Sciences
politiques. Ben Laden.
La mort d'un gêneur. Jean-Paul Baquiast
03/05/2011

Un article signé par un certain Spengler, dans
AsianTimes du 3 mai 2011 (http://www.atimes.com/atimes/South_Asia/ME03Df02.html)
fournit une hypothèse intéressante au
fait que les forces spéciales américaines,
après 9 ans de traques inefficaces, aient pu
si facilement découvrir la cache de Ben Laden
pour le neutraliser.
Le
mérite n'en reviendrait pas à la persévérance
et à l'efficacité américaines,
moins encore à Barack Obama, mais au fait que
Ben Laden serait devenu non seulement inutile mais gênant
aux yeux de ses protecteurs traditionnels, l'Arabie
Saoudite et le Pakistan. Les Américains n'auraient
été en ce cas que des exécuteurs
compétents certes, mais instrumentalisés.
Pas de quoi pour eux se vanter.
On
peut penser en effet que l'Arabie Saoudite est de plus
en plus inquiète de la révolte arabe,
qui pourrait se traduire par des ébranlements
la touchant directement. Mais elle l'est tout autant
du fait que l'Iran chiite pourrait profiter de cette
révolte, comme elle a déjà tenté
de le faire en soutenant les insurgés de Bahreïn,
afin de détruire indirectement le Royaume sunnite
et s'emparer de ses richesses. Or pour se défendre
contre l'Iran, elle n'aurait aucune confiance dans les
Etats-Unis, jugés instables et sans politique
affirmée dans la région, sinon protéger
l'accès au pétrole et aux voies de transit.

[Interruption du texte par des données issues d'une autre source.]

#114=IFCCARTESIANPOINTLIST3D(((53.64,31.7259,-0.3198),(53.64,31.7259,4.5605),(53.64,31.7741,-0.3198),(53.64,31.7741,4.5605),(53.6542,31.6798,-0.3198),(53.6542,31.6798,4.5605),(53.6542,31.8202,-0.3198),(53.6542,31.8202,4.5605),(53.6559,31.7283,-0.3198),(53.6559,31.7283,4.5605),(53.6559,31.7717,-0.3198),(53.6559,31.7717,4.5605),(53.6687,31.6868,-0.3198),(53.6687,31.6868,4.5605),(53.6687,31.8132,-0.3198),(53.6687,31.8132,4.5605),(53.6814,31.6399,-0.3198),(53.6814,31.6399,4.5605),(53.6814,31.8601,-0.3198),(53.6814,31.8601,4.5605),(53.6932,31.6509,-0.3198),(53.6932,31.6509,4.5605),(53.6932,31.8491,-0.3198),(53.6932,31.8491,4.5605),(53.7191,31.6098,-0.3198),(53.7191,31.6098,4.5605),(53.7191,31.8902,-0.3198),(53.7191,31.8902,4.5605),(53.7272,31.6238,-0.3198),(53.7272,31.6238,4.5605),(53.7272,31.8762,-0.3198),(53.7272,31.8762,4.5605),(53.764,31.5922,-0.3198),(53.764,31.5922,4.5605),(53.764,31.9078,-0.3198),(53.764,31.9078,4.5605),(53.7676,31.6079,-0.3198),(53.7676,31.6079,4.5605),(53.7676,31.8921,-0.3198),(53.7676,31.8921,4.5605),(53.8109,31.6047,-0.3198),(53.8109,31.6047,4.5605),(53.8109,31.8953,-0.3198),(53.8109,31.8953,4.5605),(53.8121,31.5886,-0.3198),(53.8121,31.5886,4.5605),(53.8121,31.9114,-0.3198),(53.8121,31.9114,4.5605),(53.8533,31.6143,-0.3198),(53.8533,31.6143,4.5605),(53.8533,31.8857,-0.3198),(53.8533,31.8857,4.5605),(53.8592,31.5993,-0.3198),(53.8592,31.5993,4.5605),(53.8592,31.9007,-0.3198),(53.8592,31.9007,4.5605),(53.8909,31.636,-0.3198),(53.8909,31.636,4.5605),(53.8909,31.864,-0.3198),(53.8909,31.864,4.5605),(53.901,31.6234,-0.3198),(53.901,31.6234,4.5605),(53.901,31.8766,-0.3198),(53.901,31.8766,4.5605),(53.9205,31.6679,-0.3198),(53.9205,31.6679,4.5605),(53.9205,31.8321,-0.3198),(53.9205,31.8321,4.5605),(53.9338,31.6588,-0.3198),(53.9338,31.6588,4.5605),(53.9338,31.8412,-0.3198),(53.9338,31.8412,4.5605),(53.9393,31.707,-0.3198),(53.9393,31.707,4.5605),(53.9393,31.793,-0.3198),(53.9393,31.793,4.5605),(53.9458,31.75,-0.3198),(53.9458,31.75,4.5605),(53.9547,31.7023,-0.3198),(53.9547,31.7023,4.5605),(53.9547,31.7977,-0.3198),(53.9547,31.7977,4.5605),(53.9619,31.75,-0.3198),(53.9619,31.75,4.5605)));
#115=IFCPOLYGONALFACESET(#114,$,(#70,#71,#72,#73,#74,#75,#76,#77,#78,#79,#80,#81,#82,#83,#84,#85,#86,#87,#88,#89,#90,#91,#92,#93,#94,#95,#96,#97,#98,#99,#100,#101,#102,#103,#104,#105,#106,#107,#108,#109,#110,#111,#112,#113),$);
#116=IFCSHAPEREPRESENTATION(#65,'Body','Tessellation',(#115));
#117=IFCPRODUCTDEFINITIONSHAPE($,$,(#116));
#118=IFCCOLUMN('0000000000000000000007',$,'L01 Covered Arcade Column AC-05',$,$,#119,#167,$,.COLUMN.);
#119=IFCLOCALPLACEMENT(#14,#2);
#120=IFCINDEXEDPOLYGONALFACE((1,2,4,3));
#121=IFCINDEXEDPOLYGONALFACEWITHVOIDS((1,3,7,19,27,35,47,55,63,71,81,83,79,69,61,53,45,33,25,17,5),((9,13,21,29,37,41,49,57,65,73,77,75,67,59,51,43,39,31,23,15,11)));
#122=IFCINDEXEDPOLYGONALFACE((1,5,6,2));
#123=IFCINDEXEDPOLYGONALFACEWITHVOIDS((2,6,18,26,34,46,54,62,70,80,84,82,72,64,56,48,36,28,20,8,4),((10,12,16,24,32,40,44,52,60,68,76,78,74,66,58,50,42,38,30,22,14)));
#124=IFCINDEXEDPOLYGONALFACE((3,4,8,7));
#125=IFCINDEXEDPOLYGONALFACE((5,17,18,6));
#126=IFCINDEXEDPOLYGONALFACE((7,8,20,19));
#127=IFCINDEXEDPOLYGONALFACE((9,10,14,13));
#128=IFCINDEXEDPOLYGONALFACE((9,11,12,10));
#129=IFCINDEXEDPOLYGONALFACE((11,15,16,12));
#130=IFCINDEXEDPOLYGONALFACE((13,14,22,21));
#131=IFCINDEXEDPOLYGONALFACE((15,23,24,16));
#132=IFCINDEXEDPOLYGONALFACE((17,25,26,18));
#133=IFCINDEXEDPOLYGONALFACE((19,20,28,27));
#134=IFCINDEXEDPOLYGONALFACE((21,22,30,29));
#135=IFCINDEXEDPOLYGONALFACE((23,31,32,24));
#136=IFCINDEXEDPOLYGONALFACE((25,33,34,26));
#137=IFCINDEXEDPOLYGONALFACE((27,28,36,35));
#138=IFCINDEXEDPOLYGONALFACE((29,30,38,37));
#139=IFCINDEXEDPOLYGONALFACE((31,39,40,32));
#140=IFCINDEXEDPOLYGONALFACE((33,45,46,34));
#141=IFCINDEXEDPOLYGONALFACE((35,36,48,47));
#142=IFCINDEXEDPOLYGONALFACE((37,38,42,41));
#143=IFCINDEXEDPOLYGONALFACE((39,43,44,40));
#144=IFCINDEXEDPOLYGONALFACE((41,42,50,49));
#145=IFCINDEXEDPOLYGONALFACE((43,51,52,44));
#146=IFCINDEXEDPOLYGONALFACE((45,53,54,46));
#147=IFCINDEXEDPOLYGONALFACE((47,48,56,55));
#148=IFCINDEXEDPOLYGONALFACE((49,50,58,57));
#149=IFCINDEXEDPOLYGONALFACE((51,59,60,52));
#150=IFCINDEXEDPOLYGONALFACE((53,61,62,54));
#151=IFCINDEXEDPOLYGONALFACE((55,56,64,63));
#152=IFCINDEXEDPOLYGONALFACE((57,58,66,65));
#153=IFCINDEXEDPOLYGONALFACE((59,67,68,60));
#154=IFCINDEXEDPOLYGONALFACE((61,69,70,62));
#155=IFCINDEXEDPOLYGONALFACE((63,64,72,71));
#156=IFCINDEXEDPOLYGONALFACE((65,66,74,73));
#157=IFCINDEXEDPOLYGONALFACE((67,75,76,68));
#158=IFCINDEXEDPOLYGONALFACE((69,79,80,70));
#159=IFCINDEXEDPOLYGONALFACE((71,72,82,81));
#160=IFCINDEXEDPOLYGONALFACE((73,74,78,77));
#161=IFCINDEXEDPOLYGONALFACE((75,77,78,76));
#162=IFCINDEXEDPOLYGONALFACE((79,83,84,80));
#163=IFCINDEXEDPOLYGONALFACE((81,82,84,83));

Il semble en effet que les Etats-Unis ne prendraient
pas le risque de s'opposer directement à des
révoltes populaires, analogues à celles
s'étant produites en Tunisie, en Egypte et en
Libye, si l'accès au pétrole et à
ses bases militaires lui étaient garantis par
de nouveaux gouvernements plus « démocratiques
». Autrement dit, sans doute l'Amérique
"lâcherait-elle" la famille souveraine
comme elle a lâché Moubarak.
L'alliance
Pakistanaise deviendrait donc stratégique pour
l'Arabie Saoudite. Le Pakistan, grande puissance militaire
régionale, dotée de l'arme nucléaire,
constituera indéniablement et quoiqu'il advienne
un point fort dans la région. Son appui sera
précieux. Manifestement le Pakistan ne soutient
que très modérément les Etats-Unis,
quand il ne les combat pas discrètement. Par
contre, souffrant d'une pauvreté congénitale,
il serait prêt à vendre son appui militaire
à Ryad, y compris peut-être dans le domaine
de l'arme atomique. Nous avons dans un article précédent
publié sur un autre site (http://www.europesolidaire.eu/article.php?article_id=699&r_id=)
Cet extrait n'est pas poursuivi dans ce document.